The bee blower is opposite to that. Took 3 years to get to liking the thing but...after rebuilding and repairing it every other day worked like a charm this year.
I think when it comes to replacing machinery, cost has to be a big thing. Can you afford to buy new or good condition used, or will it do another year or two until you have the $ to replace.
When it comes to boxes, feed pails etc, maybe a proactive approach is so many a year new or good used from auction sales. That way you can avoid the all of a sudden cost of replacing alot at a time.
A plan is good, but a plan that can change with the weather or economy is better. And even better is knowing the cost of everything we do, having a sharp pencil and a good eraser.


----------



## Adrian Quiney WI (Sep 14, 2007)

Back in the early 80's I did an introductory accountancy course in the UK  I hated it. One concept I remembered was depreciation. As I recall it went something like this: You took a nominal life span for a piece of equipment (usually 10 years) that you had bought, and you were allowed to charge that lifespan over time against taxes so that when the 10 years were up you had money to replace the item. This meant that if the item lasted longer than 10 years you were ahead and if it died before then you were out of pocket. Does this mechanism exist over here?


----------



## Countryboy (Feb 15, 2009)

KevinR,
You're wanting to eat filet mignon on a hamburger budget. 500 acres doesn't justify a 9770 combine.
The farmer I helped owned a couple hundred acres, and leased about 3500 more. He also did all the combining for his dad, who farmed another 700 acres separately. He had a 9650 combine. We could consistently get 55-60 bushels per acre of beans, and about 170 bu of corn.
You also forgot to price out a sprayer, which is the piece of equipment which pays for itself faster than any other piece of farm machinery. It will also likely be the most expensive piece of equipment you have too.

Just like Keith Jarrett's example, you have to move the hive numbers to justify a new Hummerbee. (or run the acres to support a big piece of farm machinery.)

My Grandpa and Dad are both of the mentality of trying to fix worn out stuff enough to run another day. However, if they lose a couple days due to repairing something, it's not a big deal when you are only farming a couple hundred acres. 
When you have a few thousand acres of crops to harvest, and limited time to get it done, you can't afford the down time for repairs. Down time is lost crops, and you lose too much money in lost crops.
I consider this the difference between hobby farming, and serious farming with the intention of making money.

I know beekeepers who ran over a thousand hives who used to reuse the tin from their covers after the wood had rotted away. They would patch holes in wobbly boxes that needed burned. They are now realizing that they are money ahead to spend a couple bucks on a new piece of equipment, and not have to spend the time on repairs. Repairing junk becomes a never ending job - when you are a hobbyist/sideliner beekeeper, you can get away with this. If you want to be serious about making money, your time is better spent doing other things than fixing junk.

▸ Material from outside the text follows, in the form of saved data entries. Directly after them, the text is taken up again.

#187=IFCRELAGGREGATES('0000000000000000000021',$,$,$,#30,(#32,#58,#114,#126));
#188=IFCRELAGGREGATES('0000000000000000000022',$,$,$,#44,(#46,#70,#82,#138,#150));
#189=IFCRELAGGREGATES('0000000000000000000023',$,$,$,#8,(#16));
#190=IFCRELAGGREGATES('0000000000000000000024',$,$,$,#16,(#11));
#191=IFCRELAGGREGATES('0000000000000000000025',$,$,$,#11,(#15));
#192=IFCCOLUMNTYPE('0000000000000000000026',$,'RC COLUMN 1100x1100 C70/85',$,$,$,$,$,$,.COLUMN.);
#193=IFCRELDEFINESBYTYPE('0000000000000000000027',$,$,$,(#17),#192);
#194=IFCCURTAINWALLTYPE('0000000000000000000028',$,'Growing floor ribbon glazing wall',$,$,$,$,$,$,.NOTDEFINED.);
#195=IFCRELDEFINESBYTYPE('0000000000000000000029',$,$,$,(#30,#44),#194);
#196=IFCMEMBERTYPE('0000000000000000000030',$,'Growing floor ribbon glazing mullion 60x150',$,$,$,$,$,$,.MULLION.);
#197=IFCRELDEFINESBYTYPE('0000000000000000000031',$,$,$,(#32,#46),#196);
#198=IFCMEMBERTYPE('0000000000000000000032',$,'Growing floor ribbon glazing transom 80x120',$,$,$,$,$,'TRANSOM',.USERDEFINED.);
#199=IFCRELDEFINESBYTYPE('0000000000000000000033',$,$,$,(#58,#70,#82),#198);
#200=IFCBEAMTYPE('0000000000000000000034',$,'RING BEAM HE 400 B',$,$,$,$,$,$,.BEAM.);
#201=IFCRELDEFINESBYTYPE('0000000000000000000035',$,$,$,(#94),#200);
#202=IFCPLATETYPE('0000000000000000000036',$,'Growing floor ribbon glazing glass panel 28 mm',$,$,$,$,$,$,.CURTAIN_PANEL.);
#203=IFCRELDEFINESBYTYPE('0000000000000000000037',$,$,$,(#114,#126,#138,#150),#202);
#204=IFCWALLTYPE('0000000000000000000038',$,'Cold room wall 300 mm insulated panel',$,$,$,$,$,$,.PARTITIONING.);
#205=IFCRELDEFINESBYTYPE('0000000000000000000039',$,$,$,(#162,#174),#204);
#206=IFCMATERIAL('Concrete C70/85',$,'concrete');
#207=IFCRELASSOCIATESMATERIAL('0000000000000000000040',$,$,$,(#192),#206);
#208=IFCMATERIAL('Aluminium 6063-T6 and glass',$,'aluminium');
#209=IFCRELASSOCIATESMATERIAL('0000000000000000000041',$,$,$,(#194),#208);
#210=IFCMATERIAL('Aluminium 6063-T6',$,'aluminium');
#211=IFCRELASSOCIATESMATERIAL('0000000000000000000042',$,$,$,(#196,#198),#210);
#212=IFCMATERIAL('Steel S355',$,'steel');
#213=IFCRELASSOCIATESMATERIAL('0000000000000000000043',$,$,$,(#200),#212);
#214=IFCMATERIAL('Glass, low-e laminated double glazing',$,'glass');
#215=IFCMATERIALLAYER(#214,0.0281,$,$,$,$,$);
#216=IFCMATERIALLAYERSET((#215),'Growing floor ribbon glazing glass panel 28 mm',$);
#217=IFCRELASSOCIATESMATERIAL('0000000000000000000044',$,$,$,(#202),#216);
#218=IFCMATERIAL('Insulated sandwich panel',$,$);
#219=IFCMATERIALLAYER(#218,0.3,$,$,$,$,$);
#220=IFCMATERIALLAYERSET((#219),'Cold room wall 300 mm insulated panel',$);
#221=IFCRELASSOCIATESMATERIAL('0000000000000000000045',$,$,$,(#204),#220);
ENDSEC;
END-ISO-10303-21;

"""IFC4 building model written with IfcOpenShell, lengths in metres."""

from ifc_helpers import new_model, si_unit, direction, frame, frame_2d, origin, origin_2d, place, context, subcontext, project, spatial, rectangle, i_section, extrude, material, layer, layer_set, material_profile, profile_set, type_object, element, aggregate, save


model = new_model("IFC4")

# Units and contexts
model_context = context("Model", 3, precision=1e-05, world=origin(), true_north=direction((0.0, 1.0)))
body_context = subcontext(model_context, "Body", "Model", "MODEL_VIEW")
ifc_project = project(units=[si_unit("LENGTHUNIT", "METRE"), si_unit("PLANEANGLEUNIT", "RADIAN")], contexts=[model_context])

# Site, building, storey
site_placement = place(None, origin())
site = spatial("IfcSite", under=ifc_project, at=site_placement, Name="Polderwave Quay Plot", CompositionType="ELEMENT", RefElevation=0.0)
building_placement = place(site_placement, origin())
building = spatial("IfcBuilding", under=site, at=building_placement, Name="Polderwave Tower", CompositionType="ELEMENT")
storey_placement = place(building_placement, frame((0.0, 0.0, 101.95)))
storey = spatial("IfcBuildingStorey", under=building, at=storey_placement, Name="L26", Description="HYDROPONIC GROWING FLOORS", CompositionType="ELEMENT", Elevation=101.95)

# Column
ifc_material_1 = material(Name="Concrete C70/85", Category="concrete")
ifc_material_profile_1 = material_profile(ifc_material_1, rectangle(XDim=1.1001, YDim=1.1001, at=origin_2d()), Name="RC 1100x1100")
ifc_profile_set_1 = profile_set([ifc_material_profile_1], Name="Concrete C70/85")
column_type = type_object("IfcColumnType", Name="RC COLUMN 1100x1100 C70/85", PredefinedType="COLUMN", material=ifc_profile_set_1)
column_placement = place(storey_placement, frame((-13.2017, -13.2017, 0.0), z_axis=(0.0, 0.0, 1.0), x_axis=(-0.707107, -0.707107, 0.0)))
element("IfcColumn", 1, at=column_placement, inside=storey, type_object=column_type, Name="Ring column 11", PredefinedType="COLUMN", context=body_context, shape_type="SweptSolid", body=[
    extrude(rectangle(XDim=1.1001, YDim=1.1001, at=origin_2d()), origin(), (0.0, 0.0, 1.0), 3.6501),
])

Perhaps my question would be better asked like this:
How much equipment do you (or should you) cull every year? 

Right now I have 30 hives and 20 some nucs. I am trying to plan for on down the road. I'm trying to figure out how much equipment I should allocate as replacement, and how much new equipment is allocated for growth. If I start allocating 3% or 5% of new equipment as maintenance, it won't hit me all at once years down the road when everything starts falling apart and I have to play catch up.

Roland,
Our shops sound similar. I don't have a horizontal mill in my metal shop, but I do have a few more saws in my woodshop. (scrollsaws, bandsaw, radial arm saw) But when we have shops and the ability to use them, is our time better spent patching half rotted boxes, or just building a new box?

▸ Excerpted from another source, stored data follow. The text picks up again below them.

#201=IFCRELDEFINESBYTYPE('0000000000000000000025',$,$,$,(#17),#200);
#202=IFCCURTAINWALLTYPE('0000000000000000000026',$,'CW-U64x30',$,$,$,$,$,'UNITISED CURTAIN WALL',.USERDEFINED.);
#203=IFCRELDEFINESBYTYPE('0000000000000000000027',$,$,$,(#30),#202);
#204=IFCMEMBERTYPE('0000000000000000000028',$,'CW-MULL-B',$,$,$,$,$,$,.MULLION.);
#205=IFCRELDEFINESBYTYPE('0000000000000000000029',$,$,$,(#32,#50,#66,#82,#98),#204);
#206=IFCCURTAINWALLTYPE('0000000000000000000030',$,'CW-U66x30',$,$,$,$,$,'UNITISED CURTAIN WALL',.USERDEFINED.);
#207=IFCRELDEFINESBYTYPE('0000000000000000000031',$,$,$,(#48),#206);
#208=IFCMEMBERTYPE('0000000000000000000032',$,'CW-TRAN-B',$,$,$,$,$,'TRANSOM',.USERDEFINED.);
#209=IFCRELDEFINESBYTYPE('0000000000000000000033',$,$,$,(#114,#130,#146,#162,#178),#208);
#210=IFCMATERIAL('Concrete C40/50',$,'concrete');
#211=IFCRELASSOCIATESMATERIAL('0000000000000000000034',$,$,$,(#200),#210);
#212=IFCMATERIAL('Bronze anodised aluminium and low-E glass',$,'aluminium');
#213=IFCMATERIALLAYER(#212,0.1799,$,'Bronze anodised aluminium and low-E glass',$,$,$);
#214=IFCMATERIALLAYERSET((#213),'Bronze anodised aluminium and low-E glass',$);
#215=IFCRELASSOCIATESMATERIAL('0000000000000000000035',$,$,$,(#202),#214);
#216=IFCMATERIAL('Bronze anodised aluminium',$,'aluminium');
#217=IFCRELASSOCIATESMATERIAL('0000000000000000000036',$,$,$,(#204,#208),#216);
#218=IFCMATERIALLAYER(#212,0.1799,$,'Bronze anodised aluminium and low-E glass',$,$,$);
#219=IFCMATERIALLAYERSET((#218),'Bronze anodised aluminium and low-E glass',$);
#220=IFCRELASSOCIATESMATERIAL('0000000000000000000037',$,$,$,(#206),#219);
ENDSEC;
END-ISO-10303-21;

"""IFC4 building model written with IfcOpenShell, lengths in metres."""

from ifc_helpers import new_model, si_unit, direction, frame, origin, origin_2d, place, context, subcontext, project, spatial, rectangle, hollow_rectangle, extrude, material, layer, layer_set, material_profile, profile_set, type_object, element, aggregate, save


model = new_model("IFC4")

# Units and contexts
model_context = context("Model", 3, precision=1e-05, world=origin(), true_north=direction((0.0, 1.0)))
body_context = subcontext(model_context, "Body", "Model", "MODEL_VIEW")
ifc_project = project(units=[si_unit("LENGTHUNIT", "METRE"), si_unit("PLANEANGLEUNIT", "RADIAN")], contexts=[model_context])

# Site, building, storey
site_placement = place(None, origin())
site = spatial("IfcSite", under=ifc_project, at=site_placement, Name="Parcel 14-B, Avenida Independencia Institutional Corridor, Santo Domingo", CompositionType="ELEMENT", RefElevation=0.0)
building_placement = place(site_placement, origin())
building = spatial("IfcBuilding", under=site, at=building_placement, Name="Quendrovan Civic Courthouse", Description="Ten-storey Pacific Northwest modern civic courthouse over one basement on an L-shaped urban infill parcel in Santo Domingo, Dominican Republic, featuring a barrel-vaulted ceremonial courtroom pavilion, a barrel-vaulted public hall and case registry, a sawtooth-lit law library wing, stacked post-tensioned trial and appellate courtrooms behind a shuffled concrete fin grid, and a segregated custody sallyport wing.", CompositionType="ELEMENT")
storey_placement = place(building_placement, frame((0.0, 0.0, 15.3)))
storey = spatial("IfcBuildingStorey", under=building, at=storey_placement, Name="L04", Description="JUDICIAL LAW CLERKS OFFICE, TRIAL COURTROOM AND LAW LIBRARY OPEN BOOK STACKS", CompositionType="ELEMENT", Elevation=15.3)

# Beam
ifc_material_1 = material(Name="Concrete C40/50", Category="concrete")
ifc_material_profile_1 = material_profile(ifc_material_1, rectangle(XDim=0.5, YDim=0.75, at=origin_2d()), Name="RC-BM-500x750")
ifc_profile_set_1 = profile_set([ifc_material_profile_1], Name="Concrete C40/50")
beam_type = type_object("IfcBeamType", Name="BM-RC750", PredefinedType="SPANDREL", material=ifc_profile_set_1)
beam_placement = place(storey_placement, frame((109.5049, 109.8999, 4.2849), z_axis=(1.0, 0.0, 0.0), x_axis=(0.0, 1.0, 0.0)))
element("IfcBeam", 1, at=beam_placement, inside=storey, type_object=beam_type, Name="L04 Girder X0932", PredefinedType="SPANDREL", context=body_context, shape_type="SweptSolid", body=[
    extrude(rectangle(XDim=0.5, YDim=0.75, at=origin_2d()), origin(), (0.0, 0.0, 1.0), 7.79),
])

_I think when it comes to replacing machinery, cost has to be a big thing. Can you afford to buy new or good condition used, or will it do another year or two until you have the $ to replace._

This is a mentality I have never been able to understand. Cost is important for consumption items. Machinery/equipment is not (or should not) be a consumption item or luxury goods. They are a capital good - their purpose is to make you money. Don't look at the price tag - look at what it will take to make it pay for itself, and how much money it will make you. If you can justify the cost, then your business can afford it.

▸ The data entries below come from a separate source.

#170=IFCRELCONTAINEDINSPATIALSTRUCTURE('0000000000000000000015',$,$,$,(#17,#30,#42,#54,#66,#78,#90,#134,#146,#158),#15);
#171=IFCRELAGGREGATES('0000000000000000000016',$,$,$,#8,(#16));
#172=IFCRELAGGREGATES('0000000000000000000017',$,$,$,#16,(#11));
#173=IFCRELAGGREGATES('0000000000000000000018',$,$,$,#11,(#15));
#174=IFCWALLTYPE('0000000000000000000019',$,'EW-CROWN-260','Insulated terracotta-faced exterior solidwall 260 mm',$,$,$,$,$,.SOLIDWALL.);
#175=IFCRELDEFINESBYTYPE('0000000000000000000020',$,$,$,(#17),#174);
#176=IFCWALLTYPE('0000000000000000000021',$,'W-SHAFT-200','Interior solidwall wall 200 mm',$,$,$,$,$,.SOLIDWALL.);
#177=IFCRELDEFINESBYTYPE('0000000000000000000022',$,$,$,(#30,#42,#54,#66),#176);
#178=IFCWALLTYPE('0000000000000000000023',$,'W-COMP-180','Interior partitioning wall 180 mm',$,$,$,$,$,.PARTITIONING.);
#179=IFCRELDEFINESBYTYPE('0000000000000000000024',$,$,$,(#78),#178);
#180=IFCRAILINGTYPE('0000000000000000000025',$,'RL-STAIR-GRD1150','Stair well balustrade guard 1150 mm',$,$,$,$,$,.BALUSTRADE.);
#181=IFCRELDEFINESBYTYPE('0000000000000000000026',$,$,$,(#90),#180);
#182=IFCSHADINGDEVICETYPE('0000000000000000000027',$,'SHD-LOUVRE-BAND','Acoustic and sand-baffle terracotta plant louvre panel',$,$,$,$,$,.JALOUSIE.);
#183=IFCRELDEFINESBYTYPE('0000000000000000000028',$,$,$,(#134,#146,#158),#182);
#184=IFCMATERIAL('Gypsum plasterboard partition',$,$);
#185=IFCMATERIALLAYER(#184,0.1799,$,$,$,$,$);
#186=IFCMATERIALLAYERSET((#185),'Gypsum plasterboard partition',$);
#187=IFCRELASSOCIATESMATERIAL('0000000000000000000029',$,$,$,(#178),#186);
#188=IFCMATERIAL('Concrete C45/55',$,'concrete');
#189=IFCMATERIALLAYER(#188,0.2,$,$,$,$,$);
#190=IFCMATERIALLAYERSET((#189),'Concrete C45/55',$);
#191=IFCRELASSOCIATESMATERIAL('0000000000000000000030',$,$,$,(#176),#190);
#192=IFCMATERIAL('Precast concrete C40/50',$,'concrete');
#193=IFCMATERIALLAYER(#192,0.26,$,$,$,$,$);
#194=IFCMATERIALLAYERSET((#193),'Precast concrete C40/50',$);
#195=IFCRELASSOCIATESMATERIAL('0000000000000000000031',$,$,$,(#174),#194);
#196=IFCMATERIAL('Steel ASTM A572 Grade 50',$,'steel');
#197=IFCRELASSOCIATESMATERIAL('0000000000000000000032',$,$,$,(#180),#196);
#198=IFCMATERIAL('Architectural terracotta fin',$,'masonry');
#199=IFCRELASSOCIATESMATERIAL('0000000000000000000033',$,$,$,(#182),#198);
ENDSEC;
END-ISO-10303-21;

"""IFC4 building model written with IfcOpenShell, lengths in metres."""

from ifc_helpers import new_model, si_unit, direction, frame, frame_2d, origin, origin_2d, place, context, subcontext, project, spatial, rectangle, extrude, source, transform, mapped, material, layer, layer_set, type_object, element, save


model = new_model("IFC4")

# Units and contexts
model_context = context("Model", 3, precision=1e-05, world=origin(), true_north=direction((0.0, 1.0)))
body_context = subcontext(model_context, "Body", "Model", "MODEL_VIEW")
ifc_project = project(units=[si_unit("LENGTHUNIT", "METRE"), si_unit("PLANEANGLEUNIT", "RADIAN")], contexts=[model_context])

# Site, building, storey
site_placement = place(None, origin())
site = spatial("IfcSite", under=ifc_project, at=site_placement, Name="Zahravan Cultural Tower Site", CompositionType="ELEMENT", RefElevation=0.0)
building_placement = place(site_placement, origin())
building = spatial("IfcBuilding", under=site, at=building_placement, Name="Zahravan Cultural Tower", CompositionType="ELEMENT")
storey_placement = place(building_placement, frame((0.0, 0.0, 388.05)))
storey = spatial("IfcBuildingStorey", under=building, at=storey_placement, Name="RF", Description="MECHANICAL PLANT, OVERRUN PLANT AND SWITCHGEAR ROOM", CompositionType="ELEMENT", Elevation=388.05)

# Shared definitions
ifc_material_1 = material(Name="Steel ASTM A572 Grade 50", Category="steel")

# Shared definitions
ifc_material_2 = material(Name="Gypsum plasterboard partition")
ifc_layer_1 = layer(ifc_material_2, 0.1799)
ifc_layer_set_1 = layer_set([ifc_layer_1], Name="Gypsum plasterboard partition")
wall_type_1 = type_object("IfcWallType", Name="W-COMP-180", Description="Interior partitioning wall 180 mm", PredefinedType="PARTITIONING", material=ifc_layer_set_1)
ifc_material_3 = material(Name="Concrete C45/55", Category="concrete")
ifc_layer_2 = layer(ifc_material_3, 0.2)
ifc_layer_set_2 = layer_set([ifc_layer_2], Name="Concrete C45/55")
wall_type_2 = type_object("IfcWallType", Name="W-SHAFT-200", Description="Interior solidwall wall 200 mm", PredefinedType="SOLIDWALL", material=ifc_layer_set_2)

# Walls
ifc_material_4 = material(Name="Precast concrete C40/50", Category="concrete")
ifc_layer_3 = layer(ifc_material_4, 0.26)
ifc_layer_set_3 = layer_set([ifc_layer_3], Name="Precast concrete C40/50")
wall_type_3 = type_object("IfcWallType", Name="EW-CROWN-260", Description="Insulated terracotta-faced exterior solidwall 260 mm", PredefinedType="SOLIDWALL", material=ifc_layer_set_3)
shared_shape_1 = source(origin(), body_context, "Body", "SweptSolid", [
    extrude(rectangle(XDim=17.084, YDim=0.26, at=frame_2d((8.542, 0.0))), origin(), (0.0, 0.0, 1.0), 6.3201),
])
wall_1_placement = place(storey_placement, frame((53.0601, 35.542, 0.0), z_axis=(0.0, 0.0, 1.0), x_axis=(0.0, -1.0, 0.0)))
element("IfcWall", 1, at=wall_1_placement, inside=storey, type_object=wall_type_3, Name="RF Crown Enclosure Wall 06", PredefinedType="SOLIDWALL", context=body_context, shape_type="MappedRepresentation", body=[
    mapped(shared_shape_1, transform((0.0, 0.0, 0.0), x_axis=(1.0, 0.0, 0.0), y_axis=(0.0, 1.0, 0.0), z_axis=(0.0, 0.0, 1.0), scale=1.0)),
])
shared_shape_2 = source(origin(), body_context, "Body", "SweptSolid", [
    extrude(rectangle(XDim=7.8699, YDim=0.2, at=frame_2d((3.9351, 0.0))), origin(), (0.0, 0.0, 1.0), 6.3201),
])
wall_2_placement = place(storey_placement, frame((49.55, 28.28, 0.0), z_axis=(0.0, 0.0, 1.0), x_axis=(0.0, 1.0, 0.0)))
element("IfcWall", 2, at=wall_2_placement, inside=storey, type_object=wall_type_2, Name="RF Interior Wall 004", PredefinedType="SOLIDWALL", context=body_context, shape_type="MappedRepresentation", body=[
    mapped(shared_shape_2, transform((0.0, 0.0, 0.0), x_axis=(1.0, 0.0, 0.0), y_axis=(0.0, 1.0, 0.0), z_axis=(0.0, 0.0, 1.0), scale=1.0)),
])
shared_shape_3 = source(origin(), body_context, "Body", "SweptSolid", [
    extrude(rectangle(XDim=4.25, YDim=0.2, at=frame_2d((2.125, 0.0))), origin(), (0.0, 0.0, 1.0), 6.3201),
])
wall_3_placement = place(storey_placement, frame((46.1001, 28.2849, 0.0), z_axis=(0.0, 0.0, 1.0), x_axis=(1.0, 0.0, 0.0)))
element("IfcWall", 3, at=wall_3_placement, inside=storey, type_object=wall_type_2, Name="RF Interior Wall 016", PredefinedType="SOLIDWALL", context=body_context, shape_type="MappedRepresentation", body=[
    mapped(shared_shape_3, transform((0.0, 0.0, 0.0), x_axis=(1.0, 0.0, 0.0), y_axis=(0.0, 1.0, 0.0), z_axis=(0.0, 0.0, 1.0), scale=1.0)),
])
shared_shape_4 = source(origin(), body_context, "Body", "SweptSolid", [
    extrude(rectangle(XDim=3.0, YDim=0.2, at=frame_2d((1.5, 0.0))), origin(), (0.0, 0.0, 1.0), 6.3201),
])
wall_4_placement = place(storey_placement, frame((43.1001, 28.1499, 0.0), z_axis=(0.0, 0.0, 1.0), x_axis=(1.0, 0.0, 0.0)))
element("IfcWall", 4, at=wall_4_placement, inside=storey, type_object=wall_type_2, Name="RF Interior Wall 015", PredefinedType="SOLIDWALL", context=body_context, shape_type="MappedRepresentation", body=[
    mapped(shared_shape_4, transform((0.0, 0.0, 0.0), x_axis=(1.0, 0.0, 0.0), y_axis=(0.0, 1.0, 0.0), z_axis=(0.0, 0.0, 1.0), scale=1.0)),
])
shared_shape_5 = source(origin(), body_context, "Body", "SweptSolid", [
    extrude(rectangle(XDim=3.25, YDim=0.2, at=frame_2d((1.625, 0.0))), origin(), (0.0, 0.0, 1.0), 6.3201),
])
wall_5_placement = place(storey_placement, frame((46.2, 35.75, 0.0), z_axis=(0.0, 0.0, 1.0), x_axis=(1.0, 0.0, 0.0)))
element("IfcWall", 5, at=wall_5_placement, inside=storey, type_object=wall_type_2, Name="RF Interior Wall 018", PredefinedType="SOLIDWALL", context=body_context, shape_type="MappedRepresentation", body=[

Odds are, if you don't have the money to replace something now, by the time you get the money, something else will need replacing too, and you will always be chasing your tail, trying to come up with the funds today to fix what needed replacing yesterday.


----------



## Countryboy (Feb 15, 2009)

_You took a nominal life span for a piece of equipment (usually 10 years) that you had bought, and you were allowed to charge that lifespan over time against taxes so that when the 10 years were up you had money to replace the item. This meant that if the item lasted longer than 10 years you were ahead and if it died before then you were out of pocket. Does this mechanism exist over here? _

Yes, we have depreciation for taxes. You can write off the cost of something all at once in one year, or you can spread it over several years. This usually works better for big ticket items, like a building or vehicles. To me it wouldn't make sense to depreciate a $2 box.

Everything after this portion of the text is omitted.